(Photo) A woman selling Chinese-made sausages on the streets in front of a downtown Pyongyang apartment building. Photographed in the Peony District in July 2011 by Koo Kwang-ho (ASIAPRESS)

On August 6, the exchange value of the North Korean won took a massive dive. According to a survey of various cities in the northern region of the country, the won’s value, in comparison to the US dollar, fell by 9.92% and, in comparison with the Chinese yuan, fell by 9.15% since the last survey, which was conducted on July 17,

The direct cause is the rise of the US dollar in the international foreign exchange market. However, the North Korean won took a comparatively greater hit than other currencies. This could be due to the impact of the economic sanctions but more time is needed for observations to know for certain.

According to the survey taken on August 6, the price for 1 Chinese yuan is 1,350 North Korean won and the price for 1 US dollar is 9,643 won.

◆ Markets not in chaos

An ASIAPRESS reporting partner was asked how the Chinese yuan is currently being used at markets.

Q. If the Chinese yuan rises, the price of the products goes up as well. Has this caused chaos at the markets?

A. There is no chaos whatsoever at the markets. The currency traders check the latest Pyongyang market prices at 10 a.m. each morning to determine the exchange rates.

More than 90% of the money currently used at markets is Chinese yuan. Possibly the only ones using North Korean won are the old ladies selling sunflower seeds or pine nuts on the outskirts of the market. These days, even tofu is being sold in Chinese yuan. If a customer only has North Korean won, however, the vendor will accept the cash before going to exchange it for Chinese yuan that same day.

Q. Before, there was a crackdown on using foreign currency...what about these days?

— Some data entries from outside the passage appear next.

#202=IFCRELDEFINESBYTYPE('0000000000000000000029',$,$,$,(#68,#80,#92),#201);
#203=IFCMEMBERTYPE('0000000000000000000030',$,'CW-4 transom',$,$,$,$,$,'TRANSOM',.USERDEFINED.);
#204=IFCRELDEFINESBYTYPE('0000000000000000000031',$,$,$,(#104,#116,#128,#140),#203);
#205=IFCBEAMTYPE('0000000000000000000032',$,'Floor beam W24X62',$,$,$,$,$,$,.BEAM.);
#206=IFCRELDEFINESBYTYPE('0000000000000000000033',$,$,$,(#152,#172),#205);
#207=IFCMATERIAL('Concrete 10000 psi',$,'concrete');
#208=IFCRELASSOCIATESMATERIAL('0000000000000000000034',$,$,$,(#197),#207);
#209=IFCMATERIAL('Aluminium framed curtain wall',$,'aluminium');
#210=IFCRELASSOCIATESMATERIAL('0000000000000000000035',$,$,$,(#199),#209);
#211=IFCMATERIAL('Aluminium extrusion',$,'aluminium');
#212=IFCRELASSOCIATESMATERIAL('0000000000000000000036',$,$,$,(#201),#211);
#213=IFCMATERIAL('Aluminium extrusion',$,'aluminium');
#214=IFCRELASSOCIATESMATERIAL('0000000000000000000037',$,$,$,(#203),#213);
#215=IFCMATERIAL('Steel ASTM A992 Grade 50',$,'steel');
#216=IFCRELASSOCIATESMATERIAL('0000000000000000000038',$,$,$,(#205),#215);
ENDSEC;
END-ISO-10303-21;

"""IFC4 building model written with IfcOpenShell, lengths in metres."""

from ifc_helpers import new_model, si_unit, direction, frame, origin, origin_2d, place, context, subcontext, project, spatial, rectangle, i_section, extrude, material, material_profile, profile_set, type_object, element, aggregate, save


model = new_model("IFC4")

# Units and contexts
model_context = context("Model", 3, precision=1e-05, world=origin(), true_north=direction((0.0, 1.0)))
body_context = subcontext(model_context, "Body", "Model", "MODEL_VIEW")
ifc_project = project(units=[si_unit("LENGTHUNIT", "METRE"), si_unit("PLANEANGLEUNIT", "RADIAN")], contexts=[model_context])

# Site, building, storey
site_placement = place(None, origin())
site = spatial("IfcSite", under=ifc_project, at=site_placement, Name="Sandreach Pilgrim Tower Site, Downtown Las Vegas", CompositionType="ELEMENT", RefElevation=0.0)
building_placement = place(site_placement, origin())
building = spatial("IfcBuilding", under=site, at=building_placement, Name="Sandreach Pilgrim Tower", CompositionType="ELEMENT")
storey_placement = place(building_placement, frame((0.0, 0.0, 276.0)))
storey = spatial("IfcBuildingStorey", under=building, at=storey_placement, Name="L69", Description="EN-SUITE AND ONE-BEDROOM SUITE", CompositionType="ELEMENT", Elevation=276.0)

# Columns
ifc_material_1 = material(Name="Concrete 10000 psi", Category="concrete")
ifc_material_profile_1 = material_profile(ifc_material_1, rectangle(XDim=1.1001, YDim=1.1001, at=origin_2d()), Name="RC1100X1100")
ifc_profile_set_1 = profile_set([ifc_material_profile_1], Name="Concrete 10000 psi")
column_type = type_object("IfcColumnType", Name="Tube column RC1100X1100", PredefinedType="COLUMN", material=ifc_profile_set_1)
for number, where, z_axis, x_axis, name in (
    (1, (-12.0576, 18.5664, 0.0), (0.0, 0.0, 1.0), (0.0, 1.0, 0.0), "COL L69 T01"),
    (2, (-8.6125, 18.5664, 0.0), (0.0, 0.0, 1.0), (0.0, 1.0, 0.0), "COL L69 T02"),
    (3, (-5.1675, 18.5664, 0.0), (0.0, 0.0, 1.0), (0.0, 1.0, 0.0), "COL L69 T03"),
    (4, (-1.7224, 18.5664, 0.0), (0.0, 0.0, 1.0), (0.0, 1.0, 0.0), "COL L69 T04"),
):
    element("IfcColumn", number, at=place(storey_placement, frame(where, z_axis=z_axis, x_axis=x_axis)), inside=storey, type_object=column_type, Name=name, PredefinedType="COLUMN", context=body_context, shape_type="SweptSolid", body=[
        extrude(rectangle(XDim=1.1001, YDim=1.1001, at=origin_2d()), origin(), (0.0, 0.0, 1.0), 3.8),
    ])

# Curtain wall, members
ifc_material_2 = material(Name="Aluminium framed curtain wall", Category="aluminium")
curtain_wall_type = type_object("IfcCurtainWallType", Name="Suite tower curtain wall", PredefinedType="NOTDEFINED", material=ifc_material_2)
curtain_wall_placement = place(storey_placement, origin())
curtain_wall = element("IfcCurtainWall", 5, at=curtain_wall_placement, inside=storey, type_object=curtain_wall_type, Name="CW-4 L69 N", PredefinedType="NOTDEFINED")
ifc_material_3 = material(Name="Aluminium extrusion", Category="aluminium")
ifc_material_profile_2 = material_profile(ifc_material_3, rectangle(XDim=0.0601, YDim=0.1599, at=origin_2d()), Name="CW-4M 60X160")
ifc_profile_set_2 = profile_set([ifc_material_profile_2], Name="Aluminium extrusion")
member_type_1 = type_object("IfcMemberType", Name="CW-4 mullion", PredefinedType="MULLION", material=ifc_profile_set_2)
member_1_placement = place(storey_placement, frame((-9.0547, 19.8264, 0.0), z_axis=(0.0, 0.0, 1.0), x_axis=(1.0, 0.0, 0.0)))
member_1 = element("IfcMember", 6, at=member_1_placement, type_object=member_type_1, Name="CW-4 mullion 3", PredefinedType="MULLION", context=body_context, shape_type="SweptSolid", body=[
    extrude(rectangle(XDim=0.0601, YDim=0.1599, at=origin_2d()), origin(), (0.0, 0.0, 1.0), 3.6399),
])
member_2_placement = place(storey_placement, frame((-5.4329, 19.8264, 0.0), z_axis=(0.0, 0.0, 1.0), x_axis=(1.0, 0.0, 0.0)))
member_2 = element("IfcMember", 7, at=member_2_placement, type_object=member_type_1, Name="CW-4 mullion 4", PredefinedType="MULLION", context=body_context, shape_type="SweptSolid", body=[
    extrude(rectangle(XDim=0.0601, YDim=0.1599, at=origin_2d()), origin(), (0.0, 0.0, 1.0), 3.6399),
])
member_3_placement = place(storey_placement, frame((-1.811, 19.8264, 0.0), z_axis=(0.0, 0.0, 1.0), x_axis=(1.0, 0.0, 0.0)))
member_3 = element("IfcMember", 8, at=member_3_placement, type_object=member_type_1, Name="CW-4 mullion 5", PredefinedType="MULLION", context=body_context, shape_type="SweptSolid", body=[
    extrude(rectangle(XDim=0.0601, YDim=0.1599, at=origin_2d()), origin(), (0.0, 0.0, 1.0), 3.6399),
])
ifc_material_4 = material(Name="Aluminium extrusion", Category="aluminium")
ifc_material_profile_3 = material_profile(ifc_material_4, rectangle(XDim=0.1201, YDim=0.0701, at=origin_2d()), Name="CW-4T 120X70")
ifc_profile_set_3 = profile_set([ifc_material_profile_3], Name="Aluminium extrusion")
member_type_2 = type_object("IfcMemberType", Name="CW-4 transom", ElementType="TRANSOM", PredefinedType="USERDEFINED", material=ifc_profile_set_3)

A. There has always been a crackdown, but it’s fine so long as you’re not caught. Merchants don’t use North Korean money but they always keep some in their wallets. It’s just to show officers, in case they’re cracking down on it. They keep their Chinese money in another pocket.

Q. Are there a lot of complaints from people who don’t feel comfortable spending North Korean money at the market?

A. Until about 2 years ago, some people would report merchants who refused to take North Korean money to the market management office. Nowadays, however, nobody does that. Everyone, of course, now brings Chinese money with them to the market.